A troca de comando deve ficar restrita à Infraero, que administra 67 aeroportos do país, mas só não ocorreu ainda por falta de substituto. O governo busca na iniciativa privada um gerente, para preparar a abertura de capital da Infraero. Sondado para o cargo, o ex-presidente do Banco do Brasil Rossano Maranhão teria recusado a proposta no domingo. Ele foi à casa de Jobim avisar que está disposto a ajudar na solução da crise aérea assumindo uma cadeira no conselho de administração da Infraero, mas não a presidência da empresa. Apesar das sondagens, Jobim negou que tenha convidado Rossano Maranhão, que teria o apoio de parte do Palácio do Planalto. `O ministro da Defesa é quem escolhe o presidente da Infraero`, disparou o ministro da Defesa. Ele ganhou carta branca do presidente para fazer os ajustes necessários na tentativa de colocar um ponto final no caos aéreo. O primeiro ato do novo ministro foi promover militares e dar superpoderes ao major-brigadeiro Jorge Godinho, assessor especial do Ministério da Defesa. É dele a missão de planejar e orientar a execução das atividades do Departamento de Política de Aviação Civil da pasta. Reunido com o Conselho Político do governo, Jobim discutiu o diagnóstico para o setor aéreo. As pretendidas mudanças na Agência Nacional de Aviação Civil (Anac) estão descartadas. O governo não quer dar munição aos oposicionistas, com a eventual troca de comando na diretoria da agência. Daí porque a solução encontrada é reforçar as atribuições do Conselho Nacional de Aviação Civil (Conac), presidido pelo próprio ministro da Defesa. O problema de Jobim, agora, é encontrar novos dirigentes para a Infraero. Ele quer um técnico, com prestígio no mercado. Tais credenciais são essenciais, como reconhece o próprio governo, para tirar do papel o projeto de abertura de capital da estatal. Conforme antecipado pelo Correio, a idéia é vender de 20% a 25% do capital da empresa a fim de capitalizá-la, garantindo mais recursos para os investimentos necessários nos aeroportos nacionais.

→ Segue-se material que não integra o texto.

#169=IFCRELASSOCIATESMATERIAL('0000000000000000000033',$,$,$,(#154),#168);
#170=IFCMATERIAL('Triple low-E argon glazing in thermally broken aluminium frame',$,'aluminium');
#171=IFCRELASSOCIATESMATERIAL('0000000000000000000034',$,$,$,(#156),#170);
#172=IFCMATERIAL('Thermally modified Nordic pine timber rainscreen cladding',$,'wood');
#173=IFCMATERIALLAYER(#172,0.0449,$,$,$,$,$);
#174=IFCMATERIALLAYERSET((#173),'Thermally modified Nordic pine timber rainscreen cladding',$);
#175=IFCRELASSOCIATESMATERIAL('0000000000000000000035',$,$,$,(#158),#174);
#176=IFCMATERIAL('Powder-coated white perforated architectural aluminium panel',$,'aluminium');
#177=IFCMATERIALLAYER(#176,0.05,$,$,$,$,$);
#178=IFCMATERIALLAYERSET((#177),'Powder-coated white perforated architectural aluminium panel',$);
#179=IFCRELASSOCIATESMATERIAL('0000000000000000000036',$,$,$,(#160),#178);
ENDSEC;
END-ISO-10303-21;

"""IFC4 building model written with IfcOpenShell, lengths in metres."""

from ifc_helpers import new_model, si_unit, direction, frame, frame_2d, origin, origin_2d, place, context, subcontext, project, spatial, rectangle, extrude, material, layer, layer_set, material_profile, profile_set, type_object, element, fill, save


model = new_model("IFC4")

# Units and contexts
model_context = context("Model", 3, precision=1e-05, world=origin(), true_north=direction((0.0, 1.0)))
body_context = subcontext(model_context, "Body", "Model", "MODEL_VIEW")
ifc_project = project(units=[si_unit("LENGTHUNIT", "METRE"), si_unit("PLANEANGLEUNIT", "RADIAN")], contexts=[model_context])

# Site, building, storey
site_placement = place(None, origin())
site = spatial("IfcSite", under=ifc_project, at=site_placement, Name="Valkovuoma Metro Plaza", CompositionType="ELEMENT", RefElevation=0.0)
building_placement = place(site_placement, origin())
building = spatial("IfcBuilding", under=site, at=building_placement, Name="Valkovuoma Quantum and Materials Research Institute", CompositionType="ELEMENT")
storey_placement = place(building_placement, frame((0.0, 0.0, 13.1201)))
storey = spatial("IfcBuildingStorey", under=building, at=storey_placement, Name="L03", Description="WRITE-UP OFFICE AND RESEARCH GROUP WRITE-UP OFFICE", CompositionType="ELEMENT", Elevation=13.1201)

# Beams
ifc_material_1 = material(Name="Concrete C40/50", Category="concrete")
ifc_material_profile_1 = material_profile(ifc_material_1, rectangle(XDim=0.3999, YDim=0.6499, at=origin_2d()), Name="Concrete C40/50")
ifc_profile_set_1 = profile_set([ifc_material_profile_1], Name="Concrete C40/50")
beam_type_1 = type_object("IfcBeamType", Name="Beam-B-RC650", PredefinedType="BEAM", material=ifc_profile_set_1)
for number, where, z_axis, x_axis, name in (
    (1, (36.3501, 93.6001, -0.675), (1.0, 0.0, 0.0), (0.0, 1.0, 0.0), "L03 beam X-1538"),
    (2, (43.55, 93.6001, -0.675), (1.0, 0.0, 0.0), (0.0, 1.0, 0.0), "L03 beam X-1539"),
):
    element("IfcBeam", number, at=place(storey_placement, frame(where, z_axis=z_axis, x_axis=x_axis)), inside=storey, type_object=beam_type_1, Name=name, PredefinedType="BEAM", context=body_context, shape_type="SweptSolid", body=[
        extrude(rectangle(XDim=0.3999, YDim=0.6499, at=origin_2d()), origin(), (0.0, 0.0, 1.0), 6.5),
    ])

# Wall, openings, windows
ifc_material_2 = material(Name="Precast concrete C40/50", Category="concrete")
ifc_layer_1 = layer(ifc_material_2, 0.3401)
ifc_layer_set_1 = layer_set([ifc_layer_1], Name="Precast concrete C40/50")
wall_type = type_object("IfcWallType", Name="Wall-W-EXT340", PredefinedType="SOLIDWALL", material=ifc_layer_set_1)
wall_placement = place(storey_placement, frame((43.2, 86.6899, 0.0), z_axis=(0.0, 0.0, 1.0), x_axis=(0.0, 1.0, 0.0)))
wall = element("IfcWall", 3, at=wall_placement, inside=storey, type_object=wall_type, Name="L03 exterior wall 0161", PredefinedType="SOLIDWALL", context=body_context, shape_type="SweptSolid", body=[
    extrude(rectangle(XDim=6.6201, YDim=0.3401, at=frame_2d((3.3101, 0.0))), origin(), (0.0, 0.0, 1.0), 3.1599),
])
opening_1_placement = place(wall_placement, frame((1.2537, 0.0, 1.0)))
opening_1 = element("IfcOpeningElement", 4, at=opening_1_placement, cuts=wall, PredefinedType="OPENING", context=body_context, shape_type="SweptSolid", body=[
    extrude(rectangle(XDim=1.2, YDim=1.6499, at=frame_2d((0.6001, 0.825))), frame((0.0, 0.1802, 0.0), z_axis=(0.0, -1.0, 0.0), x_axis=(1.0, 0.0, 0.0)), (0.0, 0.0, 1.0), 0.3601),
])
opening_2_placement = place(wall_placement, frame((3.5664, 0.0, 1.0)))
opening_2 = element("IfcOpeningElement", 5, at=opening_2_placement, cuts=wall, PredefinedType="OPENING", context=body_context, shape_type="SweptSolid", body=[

O futuro presidente da estatal terá a missão de mediar a disputa por cargos. Na semana passada, o assunto foi tratado em uma reunião do ministro de Relações Institucionais, Walfrido dos Mares Guia, e o ex-deputado federal Sigmaringa Seixas (PT-DF), que atuou como emissário nas sondagens de Lula para fazer de Jobim o novo ministro da Defesa.

A Infraero tem 33 postos de comando — entre eles, a presidência, cinco diretorias, 19 superintendências nacionais e oito regionais — espalhados pelo país. Entre os cargos convivem afilhados de parlamentares do PT, PMDB, PTB, PSB, do recém-criado PR (ex-PL) e até do DEM, o antigo PFL.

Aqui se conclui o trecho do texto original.